La gran amenaza que existe es que esa franja social creciente de irritados en las redes sociales, opte por abstenerse o utilizar el voto como castigo. Y eso, si bien podría favorecer la candidatura de López Obrador, también podría compartir votos con los candidatos independientes, o incluso favorecer la candidatura indígena que promueve el EZLN  y que va por una franja del voto de las izquierdas.

Entonces, el de 2018 es un escenario que no favorece la agregación en el sistema político de representación si no por el contario la fragmentación del voto, esto nos lleva a identificar los problemas en un sistema híper-fragmentado, que visto desde la teoría democrática de un voto, un ciudadano, es perfecta, sin embargo, la conversión de votos en escaños distribuye el poder de otra manera, no en función de los porcentajes de votos, sino mediante un sistema de restos mayores donde a unos partidos les cuestan más su representación que a otras formaciones políticas.

Esto garantiza generar mayorías absolutas o el establecimiento de alianzas legislativas para que teóricamente se garantice la gobernabilidad en el país o en los estados, cosa que no ocurriría de traducirse la híper-fragmentación literalmente en representación política.
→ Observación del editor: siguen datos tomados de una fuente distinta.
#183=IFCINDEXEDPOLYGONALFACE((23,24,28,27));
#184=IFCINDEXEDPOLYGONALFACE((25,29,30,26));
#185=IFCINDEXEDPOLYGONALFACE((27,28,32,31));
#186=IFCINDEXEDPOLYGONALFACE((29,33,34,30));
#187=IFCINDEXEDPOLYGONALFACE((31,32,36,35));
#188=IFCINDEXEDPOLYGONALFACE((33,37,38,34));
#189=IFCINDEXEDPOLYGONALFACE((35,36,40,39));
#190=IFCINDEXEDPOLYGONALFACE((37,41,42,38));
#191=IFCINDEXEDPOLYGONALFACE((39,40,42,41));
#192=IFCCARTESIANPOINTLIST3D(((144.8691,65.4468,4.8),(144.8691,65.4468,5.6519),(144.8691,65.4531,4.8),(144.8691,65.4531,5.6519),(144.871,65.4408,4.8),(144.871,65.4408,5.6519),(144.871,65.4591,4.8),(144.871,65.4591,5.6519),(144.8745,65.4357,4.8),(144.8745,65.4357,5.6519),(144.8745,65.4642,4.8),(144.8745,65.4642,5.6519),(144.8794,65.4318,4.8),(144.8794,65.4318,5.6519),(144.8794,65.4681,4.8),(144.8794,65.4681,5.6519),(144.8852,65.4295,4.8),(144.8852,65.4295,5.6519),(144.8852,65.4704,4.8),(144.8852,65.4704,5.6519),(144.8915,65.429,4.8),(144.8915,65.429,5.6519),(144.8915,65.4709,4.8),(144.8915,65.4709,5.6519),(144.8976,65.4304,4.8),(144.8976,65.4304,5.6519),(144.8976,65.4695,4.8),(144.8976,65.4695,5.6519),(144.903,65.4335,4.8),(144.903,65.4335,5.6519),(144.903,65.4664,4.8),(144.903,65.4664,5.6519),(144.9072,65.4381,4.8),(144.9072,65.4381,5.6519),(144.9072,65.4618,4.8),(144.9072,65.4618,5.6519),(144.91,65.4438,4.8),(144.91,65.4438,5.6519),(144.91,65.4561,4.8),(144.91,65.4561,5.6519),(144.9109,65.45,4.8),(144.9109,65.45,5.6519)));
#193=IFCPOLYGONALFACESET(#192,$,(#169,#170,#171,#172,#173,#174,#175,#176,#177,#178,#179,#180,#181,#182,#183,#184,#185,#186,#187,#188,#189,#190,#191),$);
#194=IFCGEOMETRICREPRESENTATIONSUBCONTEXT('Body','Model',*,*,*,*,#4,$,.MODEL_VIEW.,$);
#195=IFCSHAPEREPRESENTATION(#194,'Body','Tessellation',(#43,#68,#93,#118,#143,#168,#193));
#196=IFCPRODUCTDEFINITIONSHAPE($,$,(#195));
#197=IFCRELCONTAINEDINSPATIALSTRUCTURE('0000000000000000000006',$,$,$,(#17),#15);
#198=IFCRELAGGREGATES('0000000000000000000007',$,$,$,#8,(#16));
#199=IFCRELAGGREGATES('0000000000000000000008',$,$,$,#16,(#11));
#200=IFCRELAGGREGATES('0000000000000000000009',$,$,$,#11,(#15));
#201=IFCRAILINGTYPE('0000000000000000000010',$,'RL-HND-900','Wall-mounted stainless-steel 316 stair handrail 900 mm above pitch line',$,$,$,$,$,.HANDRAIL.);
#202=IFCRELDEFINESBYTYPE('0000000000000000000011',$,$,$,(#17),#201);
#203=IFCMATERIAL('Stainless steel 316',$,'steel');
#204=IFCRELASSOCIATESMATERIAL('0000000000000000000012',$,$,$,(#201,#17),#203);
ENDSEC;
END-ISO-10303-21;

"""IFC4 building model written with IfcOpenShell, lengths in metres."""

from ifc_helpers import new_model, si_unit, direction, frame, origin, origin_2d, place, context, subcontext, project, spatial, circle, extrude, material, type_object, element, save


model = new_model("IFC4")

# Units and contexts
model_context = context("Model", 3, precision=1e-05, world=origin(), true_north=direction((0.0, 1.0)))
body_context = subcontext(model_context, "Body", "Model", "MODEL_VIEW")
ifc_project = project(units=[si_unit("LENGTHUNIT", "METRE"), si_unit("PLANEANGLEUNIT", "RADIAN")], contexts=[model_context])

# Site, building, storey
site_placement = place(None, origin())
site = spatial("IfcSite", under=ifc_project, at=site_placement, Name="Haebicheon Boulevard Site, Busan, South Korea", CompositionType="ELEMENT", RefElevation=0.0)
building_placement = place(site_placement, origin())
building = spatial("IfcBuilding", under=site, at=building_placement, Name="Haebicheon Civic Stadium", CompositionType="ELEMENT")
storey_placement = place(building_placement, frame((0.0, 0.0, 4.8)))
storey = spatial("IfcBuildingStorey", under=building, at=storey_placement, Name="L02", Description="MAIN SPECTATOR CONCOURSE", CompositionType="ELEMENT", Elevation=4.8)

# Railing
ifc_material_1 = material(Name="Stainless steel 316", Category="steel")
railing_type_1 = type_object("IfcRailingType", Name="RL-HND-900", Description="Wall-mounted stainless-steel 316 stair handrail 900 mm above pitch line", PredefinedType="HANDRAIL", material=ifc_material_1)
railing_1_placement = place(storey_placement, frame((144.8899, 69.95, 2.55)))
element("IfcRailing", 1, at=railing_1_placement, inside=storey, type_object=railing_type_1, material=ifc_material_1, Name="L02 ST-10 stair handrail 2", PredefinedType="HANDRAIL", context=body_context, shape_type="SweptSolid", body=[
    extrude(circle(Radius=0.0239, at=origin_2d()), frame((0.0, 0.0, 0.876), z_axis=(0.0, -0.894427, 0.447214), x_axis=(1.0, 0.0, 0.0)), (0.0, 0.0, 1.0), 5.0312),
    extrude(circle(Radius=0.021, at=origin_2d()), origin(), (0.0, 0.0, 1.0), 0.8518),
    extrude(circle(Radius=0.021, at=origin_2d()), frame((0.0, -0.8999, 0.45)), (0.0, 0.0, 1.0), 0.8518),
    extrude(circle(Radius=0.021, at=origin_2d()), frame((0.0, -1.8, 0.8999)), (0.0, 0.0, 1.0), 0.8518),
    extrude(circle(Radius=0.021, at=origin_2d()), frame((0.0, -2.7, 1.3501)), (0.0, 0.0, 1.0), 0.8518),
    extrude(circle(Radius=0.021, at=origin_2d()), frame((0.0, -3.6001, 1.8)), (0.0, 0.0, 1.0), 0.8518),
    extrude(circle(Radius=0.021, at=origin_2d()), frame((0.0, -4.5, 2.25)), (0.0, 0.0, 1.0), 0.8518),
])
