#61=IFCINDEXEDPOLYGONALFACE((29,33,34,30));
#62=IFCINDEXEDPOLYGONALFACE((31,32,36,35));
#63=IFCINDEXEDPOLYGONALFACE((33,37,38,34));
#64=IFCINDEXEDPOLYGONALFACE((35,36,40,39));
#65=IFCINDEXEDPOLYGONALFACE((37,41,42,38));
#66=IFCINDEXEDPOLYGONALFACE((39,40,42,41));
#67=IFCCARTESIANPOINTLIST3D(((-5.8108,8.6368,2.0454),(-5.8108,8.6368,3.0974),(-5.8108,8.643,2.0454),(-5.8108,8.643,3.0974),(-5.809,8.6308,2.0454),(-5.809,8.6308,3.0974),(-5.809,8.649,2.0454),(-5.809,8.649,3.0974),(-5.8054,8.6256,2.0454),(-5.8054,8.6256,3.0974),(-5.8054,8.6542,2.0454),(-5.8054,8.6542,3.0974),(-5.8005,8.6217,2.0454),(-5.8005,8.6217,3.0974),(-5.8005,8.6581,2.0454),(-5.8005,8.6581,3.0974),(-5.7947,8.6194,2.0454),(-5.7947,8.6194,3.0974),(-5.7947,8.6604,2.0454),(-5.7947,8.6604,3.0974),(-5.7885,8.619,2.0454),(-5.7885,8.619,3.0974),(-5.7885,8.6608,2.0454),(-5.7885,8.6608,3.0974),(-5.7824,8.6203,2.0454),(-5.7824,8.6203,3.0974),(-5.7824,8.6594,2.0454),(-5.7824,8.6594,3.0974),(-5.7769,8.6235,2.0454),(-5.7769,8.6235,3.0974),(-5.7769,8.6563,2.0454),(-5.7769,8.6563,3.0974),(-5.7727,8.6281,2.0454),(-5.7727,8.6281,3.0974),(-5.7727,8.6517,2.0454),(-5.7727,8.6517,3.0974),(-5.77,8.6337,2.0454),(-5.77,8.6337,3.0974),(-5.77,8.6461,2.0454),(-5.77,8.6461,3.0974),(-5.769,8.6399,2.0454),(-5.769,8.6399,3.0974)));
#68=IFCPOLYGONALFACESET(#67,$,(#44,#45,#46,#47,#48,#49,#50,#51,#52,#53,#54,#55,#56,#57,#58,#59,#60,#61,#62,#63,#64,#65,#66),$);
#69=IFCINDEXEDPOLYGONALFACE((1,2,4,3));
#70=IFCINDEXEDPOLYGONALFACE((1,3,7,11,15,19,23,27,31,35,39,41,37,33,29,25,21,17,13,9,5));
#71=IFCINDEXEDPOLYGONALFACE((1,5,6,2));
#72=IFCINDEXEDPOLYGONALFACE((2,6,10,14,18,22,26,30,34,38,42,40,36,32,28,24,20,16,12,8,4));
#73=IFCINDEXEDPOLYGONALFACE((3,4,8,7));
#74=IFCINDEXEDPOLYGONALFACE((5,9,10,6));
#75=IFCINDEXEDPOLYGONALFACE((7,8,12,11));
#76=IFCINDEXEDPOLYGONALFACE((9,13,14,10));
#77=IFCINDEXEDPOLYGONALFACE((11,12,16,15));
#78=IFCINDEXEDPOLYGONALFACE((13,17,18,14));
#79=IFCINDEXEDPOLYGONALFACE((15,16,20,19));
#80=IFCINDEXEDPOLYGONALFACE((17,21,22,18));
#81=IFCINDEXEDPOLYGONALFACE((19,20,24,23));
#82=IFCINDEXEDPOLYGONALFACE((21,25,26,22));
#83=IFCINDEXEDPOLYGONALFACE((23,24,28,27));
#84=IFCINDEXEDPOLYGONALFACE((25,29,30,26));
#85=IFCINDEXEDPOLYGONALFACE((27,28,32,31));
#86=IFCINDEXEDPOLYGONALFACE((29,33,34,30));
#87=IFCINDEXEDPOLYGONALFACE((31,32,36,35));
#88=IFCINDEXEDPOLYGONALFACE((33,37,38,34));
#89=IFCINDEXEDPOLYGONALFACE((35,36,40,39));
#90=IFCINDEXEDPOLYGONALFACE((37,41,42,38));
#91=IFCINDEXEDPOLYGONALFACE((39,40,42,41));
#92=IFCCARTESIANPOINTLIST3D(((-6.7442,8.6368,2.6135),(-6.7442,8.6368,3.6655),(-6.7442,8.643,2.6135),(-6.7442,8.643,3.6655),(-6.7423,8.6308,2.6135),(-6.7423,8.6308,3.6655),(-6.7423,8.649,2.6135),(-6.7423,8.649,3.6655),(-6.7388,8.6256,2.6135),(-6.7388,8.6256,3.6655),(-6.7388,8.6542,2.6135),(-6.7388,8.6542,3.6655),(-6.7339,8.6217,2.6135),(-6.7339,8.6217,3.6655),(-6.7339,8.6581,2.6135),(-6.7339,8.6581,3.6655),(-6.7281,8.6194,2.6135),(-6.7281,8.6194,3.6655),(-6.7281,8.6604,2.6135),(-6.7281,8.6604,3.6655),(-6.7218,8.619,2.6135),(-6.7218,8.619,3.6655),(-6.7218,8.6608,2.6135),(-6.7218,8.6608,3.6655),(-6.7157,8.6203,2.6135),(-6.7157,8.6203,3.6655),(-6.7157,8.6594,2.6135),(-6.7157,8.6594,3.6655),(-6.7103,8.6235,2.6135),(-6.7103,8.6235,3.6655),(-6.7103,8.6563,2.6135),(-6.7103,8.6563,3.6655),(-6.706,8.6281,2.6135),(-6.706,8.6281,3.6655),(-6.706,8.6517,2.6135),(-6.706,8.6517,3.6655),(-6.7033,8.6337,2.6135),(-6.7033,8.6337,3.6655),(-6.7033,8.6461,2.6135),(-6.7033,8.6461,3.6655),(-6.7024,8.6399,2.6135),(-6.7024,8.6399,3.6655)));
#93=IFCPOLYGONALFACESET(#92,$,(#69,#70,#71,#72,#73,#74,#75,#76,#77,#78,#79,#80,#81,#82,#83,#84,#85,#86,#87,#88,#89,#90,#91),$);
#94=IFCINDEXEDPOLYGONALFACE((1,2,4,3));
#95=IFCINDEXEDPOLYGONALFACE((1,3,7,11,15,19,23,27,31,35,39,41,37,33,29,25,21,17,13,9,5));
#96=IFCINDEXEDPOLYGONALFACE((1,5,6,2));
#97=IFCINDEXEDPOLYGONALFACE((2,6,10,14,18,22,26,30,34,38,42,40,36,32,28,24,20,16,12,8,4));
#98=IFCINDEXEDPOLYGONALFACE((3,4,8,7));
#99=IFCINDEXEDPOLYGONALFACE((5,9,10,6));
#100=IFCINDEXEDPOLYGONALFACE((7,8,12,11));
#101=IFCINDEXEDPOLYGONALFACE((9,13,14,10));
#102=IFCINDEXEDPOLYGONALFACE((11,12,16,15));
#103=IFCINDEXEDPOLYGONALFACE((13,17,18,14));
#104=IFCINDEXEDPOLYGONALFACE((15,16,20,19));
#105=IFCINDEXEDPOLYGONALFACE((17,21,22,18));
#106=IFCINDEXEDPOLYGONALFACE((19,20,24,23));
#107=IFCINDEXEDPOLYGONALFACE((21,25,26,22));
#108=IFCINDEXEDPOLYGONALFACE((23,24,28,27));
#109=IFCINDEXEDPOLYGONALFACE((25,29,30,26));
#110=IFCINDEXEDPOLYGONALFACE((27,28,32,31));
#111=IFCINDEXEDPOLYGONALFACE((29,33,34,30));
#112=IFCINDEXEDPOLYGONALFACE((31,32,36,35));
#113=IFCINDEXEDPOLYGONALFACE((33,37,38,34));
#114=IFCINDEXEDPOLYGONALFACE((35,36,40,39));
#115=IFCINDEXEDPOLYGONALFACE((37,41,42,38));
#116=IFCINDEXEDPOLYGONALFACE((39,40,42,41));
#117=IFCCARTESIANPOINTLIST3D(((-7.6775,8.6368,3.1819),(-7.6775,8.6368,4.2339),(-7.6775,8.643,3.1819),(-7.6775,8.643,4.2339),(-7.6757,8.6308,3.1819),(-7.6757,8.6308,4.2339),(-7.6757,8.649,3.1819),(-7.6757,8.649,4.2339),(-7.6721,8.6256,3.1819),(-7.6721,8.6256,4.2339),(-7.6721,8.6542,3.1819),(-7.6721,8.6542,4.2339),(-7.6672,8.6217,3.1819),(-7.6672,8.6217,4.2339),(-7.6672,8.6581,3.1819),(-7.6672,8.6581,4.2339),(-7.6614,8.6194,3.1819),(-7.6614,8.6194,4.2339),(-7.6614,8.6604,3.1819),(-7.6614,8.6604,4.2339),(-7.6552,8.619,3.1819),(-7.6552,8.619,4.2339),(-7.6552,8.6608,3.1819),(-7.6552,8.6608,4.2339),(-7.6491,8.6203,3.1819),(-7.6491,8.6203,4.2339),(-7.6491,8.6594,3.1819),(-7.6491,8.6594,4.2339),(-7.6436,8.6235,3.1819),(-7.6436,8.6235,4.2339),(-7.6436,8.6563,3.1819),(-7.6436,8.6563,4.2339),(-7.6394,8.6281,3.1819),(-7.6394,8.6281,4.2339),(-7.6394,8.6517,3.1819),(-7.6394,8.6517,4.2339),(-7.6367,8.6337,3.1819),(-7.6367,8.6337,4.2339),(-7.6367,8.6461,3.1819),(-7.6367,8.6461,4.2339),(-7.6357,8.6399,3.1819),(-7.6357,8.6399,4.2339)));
Este dispositivo es favorable para el PRI y el PAN, y en menor grado para Morena, que si bien puede ganar la Presidencia de la República, incluso el gobierno de la Ciudad de México, es poco probable que alguno de los tres tenga la mayoría absoluta en las cámaras legislativas, y eso representa un escenario complejo que obliga a la negociación y al acuerdo, cuando no a un constante chantaje político.

Se dice que el mejor escenario democrático es el de la formación de gobiernos divididos porque intrínsecamente obliga a las partes a formar mayorías artificiales, sin embargo, la experiencia de este tipo de gobiernos en nuestro país es que no ha servido precisamente para que la política llegue a estar al servicio de una mejor distribución del ingreso o la elevación de los niveles de bienestar de la población, sino para favorecer a las elites que están puestas en entredicho.

En definitiva, la fragmentación electoral y parlamentaria, coincide no con mejores arreglos sino con los grandes escándalos de corrupción política y la absoluta impunidad en la mayoría de los casos o sea termina por afectar la capacidad de reacción política ante los excesos.